東方経済フォーラム、輸送・インフラ分野などで328件の協力文書締結
(ロシア、インドネシア、モンゴル、ミャンマー、中国)
調査部欧州課
2026年09月14日
ロシアのウラジオストクで9月1~4日に第11回東方経済フォーラムが開催された。

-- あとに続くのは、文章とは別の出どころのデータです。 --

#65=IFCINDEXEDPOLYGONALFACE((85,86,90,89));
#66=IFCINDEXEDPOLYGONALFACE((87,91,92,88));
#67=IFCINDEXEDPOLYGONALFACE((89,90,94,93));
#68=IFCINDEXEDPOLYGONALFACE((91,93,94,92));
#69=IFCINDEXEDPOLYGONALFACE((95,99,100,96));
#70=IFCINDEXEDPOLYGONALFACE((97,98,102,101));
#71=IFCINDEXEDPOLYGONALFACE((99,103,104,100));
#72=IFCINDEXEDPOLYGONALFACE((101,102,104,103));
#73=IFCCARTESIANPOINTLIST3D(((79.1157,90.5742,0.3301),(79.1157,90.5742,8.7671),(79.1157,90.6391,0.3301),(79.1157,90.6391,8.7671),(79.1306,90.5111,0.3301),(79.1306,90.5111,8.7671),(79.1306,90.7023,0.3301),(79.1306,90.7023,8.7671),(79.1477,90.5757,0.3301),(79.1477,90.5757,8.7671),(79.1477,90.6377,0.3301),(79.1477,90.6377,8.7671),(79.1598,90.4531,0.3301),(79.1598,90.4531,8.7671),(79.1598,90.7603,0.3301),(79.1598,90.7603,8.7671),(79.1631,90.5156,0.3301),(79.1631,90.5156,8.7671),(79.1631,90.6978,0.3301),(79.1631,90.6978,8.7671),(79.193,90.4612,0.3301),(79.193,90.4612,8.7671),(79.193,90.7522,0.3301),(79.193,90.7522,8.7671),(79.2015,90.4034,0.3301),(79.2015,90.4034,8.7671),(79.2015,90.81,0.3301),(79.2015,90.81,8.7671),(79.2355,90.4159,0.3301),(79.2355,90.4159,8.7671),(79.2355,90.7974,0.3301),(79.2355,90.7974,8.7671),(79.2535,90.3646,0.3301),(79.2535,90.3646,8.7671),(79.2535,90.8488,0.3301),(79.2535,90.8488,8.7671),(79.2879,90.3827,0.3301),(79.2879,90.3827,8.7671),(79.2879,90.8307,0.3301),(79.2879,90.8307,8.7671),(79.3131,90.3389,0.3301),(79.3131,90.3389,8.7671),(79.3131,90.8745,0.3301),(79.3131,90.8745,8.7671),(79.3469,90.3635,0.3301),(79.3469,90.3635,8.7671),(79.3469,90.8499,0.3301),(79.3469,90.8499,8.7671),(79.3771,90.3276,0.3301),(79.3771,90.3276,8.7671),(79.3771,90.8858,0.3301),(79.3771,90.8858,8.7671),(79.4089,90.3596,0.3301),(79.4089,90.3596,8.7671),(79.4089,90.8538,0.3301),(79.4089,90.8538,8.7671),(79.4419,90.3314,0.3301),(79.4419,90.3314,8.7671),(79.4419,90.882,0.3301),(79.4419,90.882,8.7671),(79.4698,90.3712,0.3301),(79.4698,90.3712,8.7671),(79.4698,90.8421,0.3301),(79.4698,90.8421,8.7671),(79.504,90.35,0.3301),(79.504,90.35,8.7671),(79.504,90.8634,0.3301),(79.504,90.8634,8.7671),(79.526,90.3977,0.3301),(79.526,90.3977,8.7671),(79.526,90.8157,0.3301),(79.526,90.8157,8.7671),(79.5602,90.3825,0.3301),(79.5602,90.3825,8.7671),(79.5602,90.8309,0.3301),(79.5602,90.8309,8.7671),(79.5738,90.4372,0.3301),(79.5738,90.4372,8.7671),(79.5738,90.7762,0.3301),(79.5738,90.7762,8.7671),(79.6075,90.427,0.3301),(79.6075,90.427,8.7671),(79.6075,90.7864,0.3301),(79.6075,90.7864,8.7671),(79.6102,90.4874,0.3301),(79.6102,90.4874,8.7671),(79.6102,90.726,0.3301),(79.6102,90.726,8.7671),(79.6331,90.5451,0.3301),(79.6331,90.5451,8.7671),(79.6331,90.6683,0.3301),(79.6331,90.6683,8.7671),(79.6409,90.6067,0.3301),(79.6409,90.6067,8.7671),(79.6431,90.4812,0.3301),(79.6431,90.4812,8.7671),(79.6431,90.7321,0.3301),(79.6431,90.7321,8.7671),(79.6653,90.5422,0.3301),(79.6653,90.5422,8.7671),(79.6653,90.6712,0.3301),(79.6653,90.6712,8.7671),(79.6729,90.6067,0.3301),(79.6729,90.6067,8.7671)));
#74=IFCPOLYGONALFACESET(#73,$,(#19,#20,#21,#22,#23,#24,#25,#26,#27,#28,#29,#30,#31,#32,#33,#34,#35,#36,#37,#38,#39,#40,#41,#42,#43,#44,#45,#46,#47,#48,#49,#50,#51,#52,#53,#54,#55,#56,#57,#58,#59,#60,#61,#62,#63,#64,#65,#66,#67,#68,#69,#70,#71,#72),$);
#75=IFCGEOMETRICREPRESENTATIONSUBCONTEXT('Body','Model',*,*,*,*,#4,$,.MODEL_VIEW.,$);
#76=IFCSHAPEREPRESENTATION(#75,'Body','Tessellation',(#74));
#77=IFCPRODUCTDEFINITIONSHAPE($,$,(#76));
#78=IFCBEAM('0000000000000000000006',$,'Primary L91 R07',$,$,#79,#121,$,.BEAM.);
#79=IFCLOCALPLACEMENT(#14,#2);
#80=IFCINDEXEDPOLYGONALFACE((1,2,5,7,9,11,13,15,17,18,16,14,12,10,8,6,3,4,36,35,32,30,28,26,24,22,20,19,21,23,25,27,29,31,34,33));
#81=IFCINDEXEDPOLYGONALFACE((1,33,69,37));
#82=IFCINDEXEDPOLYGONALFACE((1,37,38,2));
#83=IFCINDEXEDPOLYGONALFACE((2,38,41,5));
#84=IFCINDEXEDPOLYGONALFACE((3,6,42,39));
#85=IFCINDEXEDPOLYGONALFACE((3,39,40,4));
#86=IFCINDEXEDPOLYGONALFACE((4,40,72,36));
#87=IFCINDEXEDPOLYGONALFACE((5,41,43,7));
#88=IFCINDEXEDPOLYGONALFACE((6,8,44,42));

主催者の発表(9月4日)によると、フォーラムにはロシア含む78カ国から9,300人以上が参加し、期間中には、商業機密に関する案件を除き、328件、総事業規模にして6兆8,147億ルーブル(12兆2,665億円、1ルーブル=約1.8円)の協力文書が締結された。前回(2025年9月10日記事参照)と比較すると件数は30件減少したが、金額は2,327億ルーブル増加した。
主要大型案件は、次のとおり。
- サハ共和国(ヤクーチヤ)、極東・北極圏発展公社、サハ共和国発展公社が、中国と同共和国を結ぶ国際輸送回廊プロジェクト「漠河-ナイバ」プロジェクトの実施のための協力に関する合意書に署名。投資見込み額は1兆1,300億ルーブル超。
- 極東・北極圏発展公社など3社が、北極圏と北極横断輸送回廊に関係するインフラ事業実施のため1兆ルーブル規模の投資枠組みを形成することで合意。
- ロシア国営原子力会社ロスアトムと極東・北極圏発展公社が、北極圏および北極横断輸送回廊の輸送インフラ整備の協力に関する合意書を締結。砕氷船・輸送モデルの構築、北極海航路の開発など、複数のインフラ案件を対象とする包括的な枠組み。合意した投資額は7,243億ルーブル。
極東・北極圏発展公社はこのほか、ベトナム系企業のゼレナヤ・アウラと木炭製品工場の建設(投資額:2億3,050万ルーブル)、中国の康吉国際投資と製造業向け人型ロボット生産のためのハイテクパークの設立(同30億ルーブル)など、複数の「友好国」企業と投資誘致に関する覚書を締結した。
3日の全体会合には、ロシアのウラジーミル・プーチン大統領のほか、インドネシアのプラボウォ・スビアント大統領(2026年9月9日記事参照)、モンゴルのニャムオソル・オチラル首相、ミャンマーのニョー・ソー副大統領、中国の丁薛祥国務院副総理が参加した。
プーチン大統領は全体会合の演説の中で、2027年1月から極東・北極圏全域を対象とする統一的な投資優遇制度を導入する方針を示し、政府に制度整備を求めた。また、2036年までの新たな極東開発戦略を策定する考えを表明し、投資を拡大すべき対象として、(1)国内やアジア地域全体における需要拡大を見据えた、産業、インフラ、観光、クリエーティブ分野などのプロジェクト、(2)デジタル経済やプラットフォーム経済のインフラ整備に加え、人工知能(AI)、バイオテクノロジー、新エネルギーなどの分野での技術導入と革新的な企業へのファイナンス、(3)教育、医療、文化・スポーツのインフラ、マスタープランに基づく都市や農村地域の発展を挙げた。